F7. Истории безоблачного детства. Об истончении
Когда мы с братиками были маленькие и ходили в школу, был у нас один твердолобый наставник, сеньор Рунас, в прошлом то ли аббат, то ли ксёндз. Он вёл физкультуру и труд, и лицо его было непроницаемо, как у тибетского аскета. Мы всё ждали – когда же он заплачет? Но он не плакал и не плакал, он был совсем бесчувственный и зачерствевший. Как-то раз Колик специально защемил себе палец крышкой парты, до крови, и показал ему, но тот даже бровью не повёл, погружённый в своё. Однако терпеливый всегда остаётся в выигрыше, и мы с братиками выиграли: когда пришла пора сеньору Рунасу помирать – заплакал он, как дитя. Пожаловался он нам, что жаль ему расставаться с цветочками луговыми, с синим небом, с солнышком, жаль невыразимо. Что ж ты не плакал, дядя, когда к месту было, когда вовремя? – злорадствовали мы.

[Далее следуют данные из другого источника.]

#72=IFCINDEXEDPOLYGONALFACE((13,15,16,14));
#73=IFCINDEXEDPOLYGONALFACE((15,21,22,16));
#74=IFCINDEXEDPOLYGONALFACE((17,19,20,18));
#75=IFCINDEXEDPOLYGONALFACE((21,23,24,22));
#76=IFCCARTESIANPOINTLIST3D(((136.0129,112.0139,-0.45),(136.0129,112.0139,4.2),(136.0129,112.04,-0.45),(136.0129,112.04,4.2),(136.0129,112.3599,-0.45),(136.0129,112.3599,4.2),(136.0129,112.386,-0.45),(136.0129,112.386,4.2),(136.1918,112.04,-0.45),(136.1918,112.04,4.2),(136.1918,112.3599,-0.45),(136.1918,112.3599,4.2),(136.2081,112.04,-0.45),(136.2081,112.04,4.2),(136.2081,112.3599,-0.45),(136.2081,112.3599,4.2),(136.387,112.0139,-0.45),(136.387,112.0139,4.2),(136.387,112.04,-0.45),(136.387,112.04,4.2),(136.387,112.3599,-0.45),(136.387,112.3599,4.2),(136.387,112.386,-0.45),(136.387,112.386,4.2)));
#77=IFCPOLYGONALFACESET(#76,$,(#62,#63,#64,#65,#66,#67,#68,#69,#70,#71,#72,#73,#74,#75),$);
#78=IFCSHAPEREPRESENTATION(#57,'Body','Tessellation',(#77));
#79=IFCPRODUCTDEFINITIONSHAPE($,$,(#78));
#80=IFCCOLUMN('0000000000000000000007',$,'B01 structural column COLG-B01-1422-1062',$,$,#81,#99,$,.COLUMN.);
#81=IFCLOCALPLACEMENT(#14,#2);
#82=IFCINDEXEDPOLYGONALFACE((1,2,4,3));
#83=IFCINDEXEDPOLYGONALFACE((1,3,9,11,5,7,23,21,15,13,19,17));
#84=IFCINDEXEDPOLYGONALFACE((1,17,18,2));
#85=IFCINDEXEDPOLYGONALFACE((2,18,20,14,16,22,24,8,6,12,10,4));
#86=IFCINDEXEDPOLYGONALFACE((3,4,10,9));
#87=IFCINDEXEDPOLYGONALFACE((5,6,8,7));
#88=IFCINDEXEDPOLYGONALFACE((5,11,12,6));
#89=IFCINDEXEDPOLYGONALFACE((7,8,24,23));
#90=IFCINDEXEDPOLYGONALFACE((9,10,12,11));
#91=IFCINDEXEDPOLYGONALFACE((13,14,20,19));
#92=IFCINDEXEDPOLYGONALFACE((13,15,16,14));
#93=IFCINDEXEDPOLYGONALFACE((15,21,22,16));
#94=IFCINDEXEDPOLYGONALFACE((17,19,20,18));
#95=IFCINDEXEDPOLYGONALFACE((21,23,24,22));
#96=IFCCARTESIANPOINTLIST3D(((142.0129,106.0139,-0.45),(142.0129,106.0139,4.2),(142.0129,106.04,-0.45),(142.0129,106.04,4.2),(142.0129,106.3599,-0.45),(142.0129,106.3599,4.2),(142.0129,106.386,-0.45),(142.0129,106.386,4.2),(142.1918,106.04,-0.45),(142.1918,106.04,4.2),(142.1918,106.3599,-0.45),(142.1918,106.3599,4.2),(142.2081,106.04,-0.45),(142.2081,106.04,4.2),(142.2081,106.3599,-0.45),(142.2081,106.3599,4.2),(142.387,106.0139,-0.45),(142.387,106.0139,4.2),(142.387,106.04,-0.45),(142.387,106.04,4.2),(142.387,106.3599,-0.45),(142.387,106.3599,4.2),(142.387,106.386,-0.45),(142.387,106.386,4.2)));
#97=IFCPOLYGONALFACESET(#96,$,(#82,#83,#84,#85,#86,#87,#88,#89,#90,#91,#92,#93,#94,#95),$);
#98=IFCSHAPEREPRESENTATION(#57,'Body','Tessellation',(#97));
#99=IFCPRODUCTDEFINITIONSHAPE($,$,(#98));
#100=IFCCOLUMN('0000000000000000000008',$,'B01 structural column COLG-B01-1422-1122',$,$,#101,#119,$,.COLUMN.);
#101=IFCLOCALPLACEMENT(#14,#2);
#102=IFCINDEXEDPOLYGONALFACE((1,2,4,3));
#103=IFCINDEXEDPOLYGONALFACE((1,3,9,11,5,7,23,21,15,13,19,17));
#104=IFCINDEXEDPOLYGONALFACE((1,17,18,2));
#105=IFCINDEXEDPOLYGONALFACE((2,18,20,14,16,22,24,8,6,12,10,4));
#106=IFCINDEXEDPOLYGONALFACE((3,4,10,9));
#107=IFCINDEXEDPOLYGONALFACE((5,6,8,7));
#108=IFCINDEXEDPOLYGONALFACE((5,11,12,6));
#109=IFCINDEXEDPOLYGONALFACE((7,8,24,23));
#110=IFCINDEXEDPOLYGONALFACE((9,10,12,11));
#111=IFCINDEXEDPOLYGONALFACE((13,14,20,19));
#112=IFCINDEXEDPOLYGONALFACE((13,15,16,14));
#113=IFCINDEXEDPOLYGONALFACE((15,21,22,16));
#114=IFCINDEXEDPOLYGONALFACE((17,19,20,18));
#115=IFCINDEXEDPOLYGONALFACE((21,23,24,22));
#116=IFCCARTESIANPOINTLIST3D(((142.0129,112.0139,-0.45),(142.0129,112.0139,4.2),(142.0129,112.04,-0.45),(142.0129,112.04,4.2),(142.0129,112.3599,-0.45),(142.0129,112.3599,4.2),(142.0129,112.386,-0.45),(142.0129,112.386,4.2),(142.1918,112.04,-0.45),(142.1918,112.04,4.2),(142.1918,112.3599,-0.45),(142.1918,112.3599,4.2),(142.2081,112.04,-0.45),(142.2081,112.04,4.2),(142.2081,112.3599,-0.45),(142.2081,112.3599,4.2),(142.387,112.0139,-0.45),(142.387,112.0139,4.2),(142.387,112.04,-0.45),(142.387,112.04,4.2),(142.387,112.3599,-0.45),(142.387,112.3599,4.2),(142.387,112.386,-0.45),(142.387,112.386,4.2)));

Хотя впрочем злорадство наше было пополам с сочувствием – будто мы сами помирали вместе с сеньором Рунасом – с таким необычайным для наших лет сочувствием. Мы собрали ему полевых цветочков, веточек папоротника, травяных метёлочек и всяких даров огорода: крыжовника, яблок, разной редиски. Он был тронут и не огорчился, что незрелое и немытое, какая ему уже была разница, глупо мертвецу беспокоиться о сварении. Мы сидели у могилы и советовались, как же мы теперь будем изучать физкультуру и труд? Мы условились ничего не говорить директору о смерти сеньора Рунаса, иначе бы он подыскал нам нового наставника, снова какого-нибудь толстокожего мужлана, и жди потом жди, пока он истончится. Мы сами бегали, прыгали, пилили лобзиком и ставили себе оценки в классный журнал – и директор так ничего и не заметил. Мы были такие тонкие, что чуть не взлетали, легче воздуха, светлые, красивые, кудрявые. Мы мечтали, что когда вырастем, станем наставниками.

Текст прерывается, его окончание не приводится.